O funeral do meu avô foi um dia cinzento e chuvoso.
Pedro não apareceu.
Ele nem sequer ligou.
A minha sogra, a Dona Elvira, ligou. Mas não foi para dar os pêsames.
"Lia, a Inês está deprimida. Ela não come, não fala. Ela precisa de ti. Tens de vir cuidar dela."
A sua voz era exigente, como se fosse minha obrigação.
"A minha avô acabou de falecer." A minha voz estava vazia, sem emoção.
"Eu sei, querida, e lamento a tua perda. Mas a vida continua. A Inês é jovem, ela está a sofrer muito. Perder um bebé é terrível, tu sabes como é."
Sim, eu sabia.
E ninguém da família dela se importou quando eu perdi o meu.
"Não posso. Estou de luto."
"Luto? A tua avó era velha, era a hora dela. A Inês precisa de apoio. Como esposa do Pedro, é teu dever ajudar a família dele."
O dever. Sempre o dever.
"Não."
Disse a palavra com uma firmeza que me surpreendeu.
"O quê? Como te atreves a dizer-me não? Depois de tudo o que fizemos por ti?"

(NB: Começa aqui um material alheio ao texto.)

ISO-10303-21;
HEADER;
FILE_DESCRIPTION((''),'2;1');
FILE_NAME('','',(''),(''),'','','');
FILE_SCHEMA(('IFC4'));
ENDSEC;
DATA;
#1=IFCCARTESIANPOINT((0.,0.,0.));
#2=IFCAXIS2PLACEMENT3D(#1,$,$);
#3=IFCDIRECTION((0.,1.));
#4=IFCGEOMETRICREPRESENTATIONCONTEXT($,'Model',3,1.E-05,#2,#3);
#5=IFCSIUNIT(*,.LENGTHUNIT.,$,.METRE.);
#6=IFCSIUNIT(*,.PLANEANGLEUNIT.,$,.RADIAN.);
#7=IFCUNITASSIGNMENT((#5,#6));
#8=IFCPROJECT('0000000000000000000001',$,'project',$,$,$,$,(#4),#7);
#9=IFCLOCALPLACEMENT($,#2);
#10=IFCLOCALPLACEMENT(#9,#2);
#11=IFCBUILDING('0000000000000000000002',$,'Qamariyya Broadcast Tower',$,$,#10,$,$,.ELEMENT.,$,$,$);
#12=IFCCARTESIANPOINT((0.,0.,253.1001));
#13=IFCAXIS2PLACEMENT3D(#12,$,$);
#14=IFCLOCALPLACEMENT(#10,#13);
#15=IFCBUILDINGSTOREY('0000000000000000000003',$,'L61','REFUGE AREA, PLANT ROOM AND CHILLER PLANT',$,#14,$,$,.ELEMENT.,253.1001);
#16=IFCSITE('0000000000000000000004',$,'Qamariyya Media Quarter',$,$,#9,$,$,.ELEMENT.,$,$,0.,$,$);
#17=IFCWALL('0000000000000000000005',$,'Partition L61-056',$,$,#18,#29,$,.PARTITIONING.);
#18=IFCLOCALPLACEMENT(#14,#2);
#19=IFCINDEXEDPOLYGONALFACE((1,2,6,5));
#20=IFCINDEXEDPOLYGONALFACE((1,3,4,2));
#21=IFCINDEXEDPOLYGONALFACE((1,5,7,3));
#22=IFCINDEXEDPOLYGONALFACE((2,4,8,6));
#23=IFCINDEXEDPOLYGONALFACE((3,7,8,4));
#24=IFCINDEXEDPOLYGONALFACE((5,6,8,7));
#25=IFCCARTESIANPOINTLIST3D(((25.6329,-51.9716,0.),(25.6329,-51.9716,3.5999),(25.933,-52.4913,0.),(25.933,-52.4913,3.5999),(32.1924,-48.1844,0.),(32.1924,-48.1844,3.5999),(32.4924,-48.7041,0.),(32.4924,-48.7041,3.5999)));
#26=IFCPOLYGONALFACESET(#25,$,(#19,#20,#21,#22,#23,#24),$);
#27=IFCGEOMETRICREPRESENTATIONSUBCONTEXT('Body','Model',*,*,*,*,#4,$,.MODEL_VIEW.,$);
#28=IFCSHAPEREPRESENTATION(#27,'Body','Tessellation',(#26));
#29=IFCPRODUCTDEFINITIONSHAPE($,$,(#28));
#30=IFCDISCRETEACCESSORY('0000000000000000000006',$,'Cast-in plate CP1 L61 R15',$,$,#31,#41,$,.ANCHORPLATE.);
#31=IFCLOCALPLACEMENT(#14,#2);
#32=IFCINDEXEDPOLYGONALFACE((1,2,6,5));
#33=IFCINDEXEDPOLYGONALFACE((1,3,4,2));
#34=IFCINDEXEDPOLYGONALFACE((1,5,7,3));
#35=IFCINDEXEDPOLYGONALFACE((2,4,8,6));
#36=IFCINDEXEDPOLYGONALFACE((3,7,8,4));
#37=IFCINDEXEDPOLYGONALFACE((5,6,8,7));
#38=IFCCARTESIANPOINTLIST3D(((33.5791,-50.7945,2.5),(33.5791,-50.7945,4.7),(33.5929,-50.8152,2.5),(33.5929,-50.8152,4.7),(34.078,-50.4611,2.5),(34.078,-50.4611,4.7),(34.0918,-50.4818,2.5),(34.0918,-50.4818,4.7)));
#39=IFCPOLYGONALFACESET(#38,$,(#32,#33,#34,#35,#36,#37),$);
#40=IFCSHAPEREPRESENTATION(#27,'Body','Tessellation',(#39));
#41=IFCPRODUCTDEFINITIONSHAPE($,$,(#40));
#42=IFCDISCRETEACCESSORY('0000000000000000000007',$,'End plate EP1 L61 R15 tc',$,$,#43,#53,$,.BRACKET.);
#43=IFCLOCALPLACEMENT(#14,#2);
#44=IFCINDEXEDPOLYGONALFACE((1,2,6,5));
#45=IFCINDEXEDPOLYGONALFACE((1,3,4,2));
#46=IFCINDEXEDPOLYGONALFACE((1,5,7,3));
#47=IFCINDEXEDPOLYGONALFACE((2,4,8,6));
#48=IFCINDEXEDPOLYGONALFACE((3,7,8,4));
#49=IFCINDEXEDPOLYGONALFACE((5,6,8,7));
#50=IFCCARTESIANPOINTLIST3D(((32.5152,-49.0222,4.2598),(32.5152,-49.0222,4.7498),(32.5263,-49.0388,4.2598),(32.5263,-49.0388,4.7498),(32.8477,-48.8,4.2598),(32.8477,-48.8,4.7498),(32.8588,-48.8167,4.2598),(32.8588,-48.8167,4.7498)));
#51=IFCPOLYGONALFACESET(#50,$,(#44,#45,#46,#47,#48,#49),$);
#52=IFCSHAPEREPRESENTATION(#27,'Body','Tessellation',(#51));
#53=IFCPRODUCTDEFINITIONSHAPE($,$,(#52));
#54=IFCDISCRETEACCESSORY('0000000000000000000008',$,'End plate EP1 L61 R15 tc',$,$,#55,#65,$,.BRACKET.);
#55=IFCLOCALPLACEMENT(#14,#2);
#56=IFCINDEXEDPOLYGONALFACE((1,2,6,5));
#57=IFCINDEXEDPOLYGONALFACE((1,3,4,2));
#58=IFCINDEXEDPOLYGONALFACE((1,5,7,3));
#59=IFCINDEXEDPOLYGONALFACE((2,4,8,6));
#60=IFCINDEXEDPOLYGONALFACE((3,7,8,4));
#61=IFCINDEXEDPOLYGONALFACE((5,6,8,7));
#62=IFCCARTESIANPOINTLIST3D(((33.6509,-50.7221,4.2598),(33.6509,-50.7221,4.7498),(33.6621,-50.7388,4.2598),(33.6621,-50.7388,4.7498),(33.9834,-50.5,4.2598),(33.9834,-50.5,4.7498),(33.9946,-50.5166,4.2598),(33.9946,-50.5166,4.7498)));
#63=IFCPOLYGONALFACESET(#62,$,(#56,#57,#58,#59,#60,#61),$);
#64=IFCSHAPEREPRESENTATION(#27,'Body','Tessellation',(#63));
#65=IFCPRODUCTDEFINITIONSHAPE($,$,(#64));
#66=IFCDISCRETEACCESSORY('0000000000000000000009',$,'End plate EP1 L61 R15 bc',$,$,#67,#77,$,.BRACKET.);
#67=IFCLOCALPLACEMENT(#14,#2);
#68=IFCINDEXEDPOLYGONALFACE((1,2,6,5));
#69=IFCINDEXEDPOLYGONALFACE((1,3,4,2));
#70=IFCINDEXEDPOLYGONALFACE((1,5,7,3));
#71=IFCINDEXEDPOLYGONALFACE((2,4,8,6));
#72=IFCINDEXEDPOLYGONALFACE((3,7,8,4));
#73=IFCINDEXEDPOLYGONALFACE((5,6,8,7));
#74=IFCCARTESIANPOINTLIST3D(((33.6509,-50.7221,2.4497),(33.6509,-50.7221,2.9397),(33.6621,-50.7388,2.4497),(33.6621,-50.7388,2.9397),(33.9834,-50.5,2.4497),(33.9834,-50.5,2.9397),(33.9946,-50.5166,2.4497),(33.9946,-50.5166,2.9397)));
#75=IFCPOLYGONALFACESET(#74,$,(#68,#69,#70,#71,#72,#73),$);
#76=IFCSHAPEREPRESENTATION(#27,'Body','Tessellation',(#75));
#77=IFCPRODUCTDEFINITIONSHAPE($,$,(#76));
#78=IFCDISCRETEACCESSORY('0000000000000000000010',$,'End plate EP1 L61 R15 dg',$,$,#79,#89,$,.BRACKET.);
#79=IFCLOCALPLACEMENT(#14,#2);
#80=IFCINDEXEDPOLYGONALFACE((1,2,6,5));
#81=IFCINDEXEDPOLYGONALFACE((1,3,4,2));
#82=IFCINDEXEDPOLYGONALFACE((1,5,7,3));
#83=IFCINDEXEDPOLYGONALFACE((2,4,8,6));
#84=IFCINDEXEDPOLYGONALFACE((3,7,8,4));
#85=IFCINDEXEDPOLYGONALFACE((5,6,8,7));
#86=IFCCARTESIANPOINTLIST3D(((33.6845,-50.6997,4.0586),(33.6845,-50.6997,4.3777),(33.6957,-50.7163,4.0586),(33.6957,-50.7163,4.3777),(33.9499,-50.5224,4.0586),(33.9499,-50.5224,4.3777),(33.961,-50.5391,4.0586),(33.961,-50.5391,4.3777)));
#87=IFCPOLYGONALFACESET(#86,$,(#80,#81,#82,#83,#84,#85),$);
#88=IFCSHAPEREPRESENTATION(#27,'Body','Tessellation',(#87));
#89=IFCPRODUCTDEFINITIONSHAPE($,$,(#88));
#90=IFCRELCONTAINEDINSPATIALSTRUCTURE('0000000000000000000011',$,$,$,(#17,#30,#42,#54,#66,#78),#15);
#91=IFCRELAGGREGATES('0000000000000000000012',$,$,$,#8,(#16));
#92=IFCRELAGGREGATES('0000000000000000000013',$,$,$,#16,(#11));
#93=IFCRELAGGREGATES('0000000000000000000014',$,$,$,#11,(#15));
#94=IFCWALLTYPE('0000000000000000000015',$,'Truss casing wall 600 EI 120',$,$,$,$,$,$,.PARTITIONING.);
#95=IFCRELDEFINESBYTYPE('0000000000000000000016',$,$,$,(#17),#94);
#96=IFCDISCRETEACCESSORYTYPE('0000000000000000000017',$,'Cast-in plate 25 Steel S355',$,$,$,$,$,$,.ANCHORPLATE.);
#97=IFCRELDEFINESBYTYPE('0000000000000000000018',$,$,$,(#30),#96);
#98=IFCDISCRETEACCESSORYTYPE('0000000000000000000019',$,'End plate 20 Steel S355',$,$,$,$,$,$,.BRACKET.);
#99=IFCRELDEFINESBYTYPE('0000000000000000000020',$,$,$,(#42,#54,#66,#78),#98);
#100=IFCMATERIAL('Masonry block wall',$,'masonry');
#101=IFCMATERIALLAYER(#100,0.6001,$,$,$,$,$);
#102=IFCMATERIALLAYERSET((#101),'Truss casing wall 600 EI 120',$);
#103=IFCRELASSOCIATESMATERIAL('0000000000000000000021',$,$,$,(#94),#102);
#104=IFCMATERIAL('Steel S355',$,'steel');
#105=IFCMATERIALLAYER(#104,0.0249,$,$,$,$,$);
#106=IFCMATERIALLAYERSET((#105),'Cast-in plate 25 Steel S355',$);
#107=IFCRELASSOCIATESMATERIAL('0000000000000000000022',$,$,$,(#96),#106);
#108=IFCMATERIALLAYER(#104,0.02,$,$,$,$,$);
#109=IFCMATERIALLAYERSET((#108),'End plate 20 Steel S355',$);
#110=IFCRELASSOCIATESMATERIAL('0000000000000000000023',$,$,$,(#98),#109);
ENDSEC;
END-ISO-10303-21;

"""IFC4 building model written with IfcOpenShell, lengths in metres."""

from ifc_helpers import new_model, si_unit, direction, frame, frame_2d, origin, origin_2d, place, context, subcontext, project, spatial, rectangle, extrude, material, layer, layer_set, type_object, element, save


model = new_model("IFC4")

# Units and contexts
model_context = context("Model", 3, precision=1e-05, world=origin(), true_north=direction((0.0, 1.0)))
body_context = subcontext(model_context, "Body", "Model", "MODEL_VIEW")
ifc_project = project(units=[si_unit("LENGTHUNIT", "METRE"), si_unit("PLANEANGLEUNIT", "RADIAN")], contexts=[model_context])

# Site, building, storey
site_placement = place(None, origin())
site = spatial("IfcSite", under=ifc_project, at=site_placement, Name="Qamariyya Media Quarter", CompositionType="ELEMENT", RefElevation=0.0)
building_placement = place(site_placement, origin())
building = spatial("IfcBuilding", under=site, at=building_placement, Name="Qamariyya Broadcast Tower", CompositionType="ELEMENT")
storey_placement = place(building_placement, frame((0.0, 0.0, 253.1001)))
storey = spatial("IfcBuildingStorey", under=building, at=storey_placement, Name="L61", Description="REFUGE AREA, PLANT ROOM AND CHILLER PLANT", CompositionType="ELEMENT", Elevation=253.1001)

# Shared definitions
ifc_material_1 = material(Name="Steel S355", Category="steel")

# Wall
ifc_material_2 = material(Name="Masonry block wall", Category="masonry")
ifc_layer_1 = layer(ifc_material_2, 0.6001)
ifc_layer_set_1 = layer_set([ifc_layer_1], Name="Truss casing wall 600 EI 120")
wall_type_1 = type_object("IfcWallType", Name="Truss casing wall 600 EI 120", PredefinedType="PARTITIONING", material=ifc_layer_set_1)
wall_1_placement = place(storey_placement, frame((25.783, -52.2314, 0.0), z_axis=(0.0, 0.0, 1.0), x_axis=(0.866021, 0.500008, 0.0)))
element("IfcWall", 1, at=wall_1_placement, inside=storey, type_object=wall_type_1, Name="Partition L61-056", PredefinedType="PARTITIONING", context=body_context, shape_type="SweptSolid", body=[
    extrude(rectangle(XDim=7.5742, YDim=0.6001, at=frame_2d((3.7871, 0.0))), origin(), (0.0, 0.0, 1.0), 3.5999),
])

# Discrete accessories
ifc_layer_2 = layer(ifc_material_1, 0.0249)
ifc_layer_set_2 = layer_set([ifc_layer_2], Name="Cast-in plate 25 Steel S355")
discrete_accessory_type_1 = type_object("IfcDiscreteAccessoryType", Name="Cast-in plate 25 Steel S355", PredefinedType="ANCHORPLATE", material=ifc_layer_set_2)
discrete_accessory_1_placement = place(storey_placement, frame((33.8354, -50.6382, 2.5), z_axis=(0.0, 0.0, 1.0), x_axis=(-0.83147, -0.55557, 0.0)))
element("IfcDiscreteAccessory", 2, at=discrete_accessory_1_placement, inside=storey, type_object=discrete_accessory_type_1, Name="Cast-in plate CP1 L61 R15", PredefinedType="ANCHORPLATE", context=body_context, shape_type="SweptSolid", body=[
    extrude(rectangle(XDim=0.6001, YDim=0.0249, at=origin_2d()), origin(), (0.0, 0.0, 1.0), 2.2),
])
ifc_layer_3 = layer(ifc_material_1, 0.02)
ifc_layer_set_3 = layer_set([ifc_layer_3], Name="End plate 20 Steel S355")
discrete_accessory_type_2 = type_object("IfcDiscreteAccessoryType", Name="End plate 20 Steel S355", PredefinedType="BRACKET", material=ifc_layer_set_3)
for number, where, z_axis, x_axis, name in (
    (3, (32.687, -48.9194, 4.2598), (0.0, 0.0, 1.0), (-0.83147, -0.55557, 0.0), "End plate EP1 L61 R15 tc"),
    (4, (33.8228, -50.6194, 4.2598), (0.0, 0.0, 1.0), (-0.83147, -0.55557, 0.0), "End plate EP1 L61 R15 tc"),
    (5, (33.8228, -50.6194, 2.4497), (0.0, 0.0, 1.0), (-0.83147, -0.55557, 0.0), "End plate EP1 L61 R15 bc"),
):
    element("IfcDiscreteAccessory", number, at=place(storey_placement, frame(where, z_axis=z_axis, x_axis=x_axis)), inside=storey, type_object=discrete_accessory_type_2, Name=name, PredefinedType="BRACKET", context=body_context, shape_type="SweptSolid", body=[
        extrude(rectangle(XDim=0.3999, YDim=0.02, at=origin_2d()), origin(), (0.0, 0.0, 1.0), 0.49),
    ])
discrete_accessory_2_placement = place(storey_placement, frame((33.8228, -50.6194, 4.0586), z_axis=(0.0, 0.0, 1.0), x_axis=(-0.83147, -0.55557, 0.0)))
element("IfcDiscreteAccessory", 6, at=discrete_accessory_2_placement, inside=storey, type_object=discrete_accessory_type_2, Name="End plate EP1 L61 R15 dg", PredefinedType="BRACKET", context=body_context, shape_type="SweptSolid", body=[
    extrude(rectangle(XDim=0.3191, YDim=0.02, at=origin_2d()), origin(), (0.0, 0.0, 1.0), 0.3191),
])

save(model, "model.ifc")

"O que é que fizeram por mim? Deram-me um marido que me culpa por tudo? Uma família que só me vê como uma criada?"
Houve um silêncio chocado do outro lado da linha.
"És uma ingrata. O Pedro tinha razão sobre ti. Não tens coração."
Ela desligou.
Olhei para a chuva a cair lá fora. Senti-me vazia.
O amor que eu tinha pelo Pedro tinha morrido. Tinha sido substituído por uma frieza gelada.
A promessa que fiz ao meu avô ecoou na minha mente.
Sê feliz. Deixa esse homem.
Sim, avô. Eu vou.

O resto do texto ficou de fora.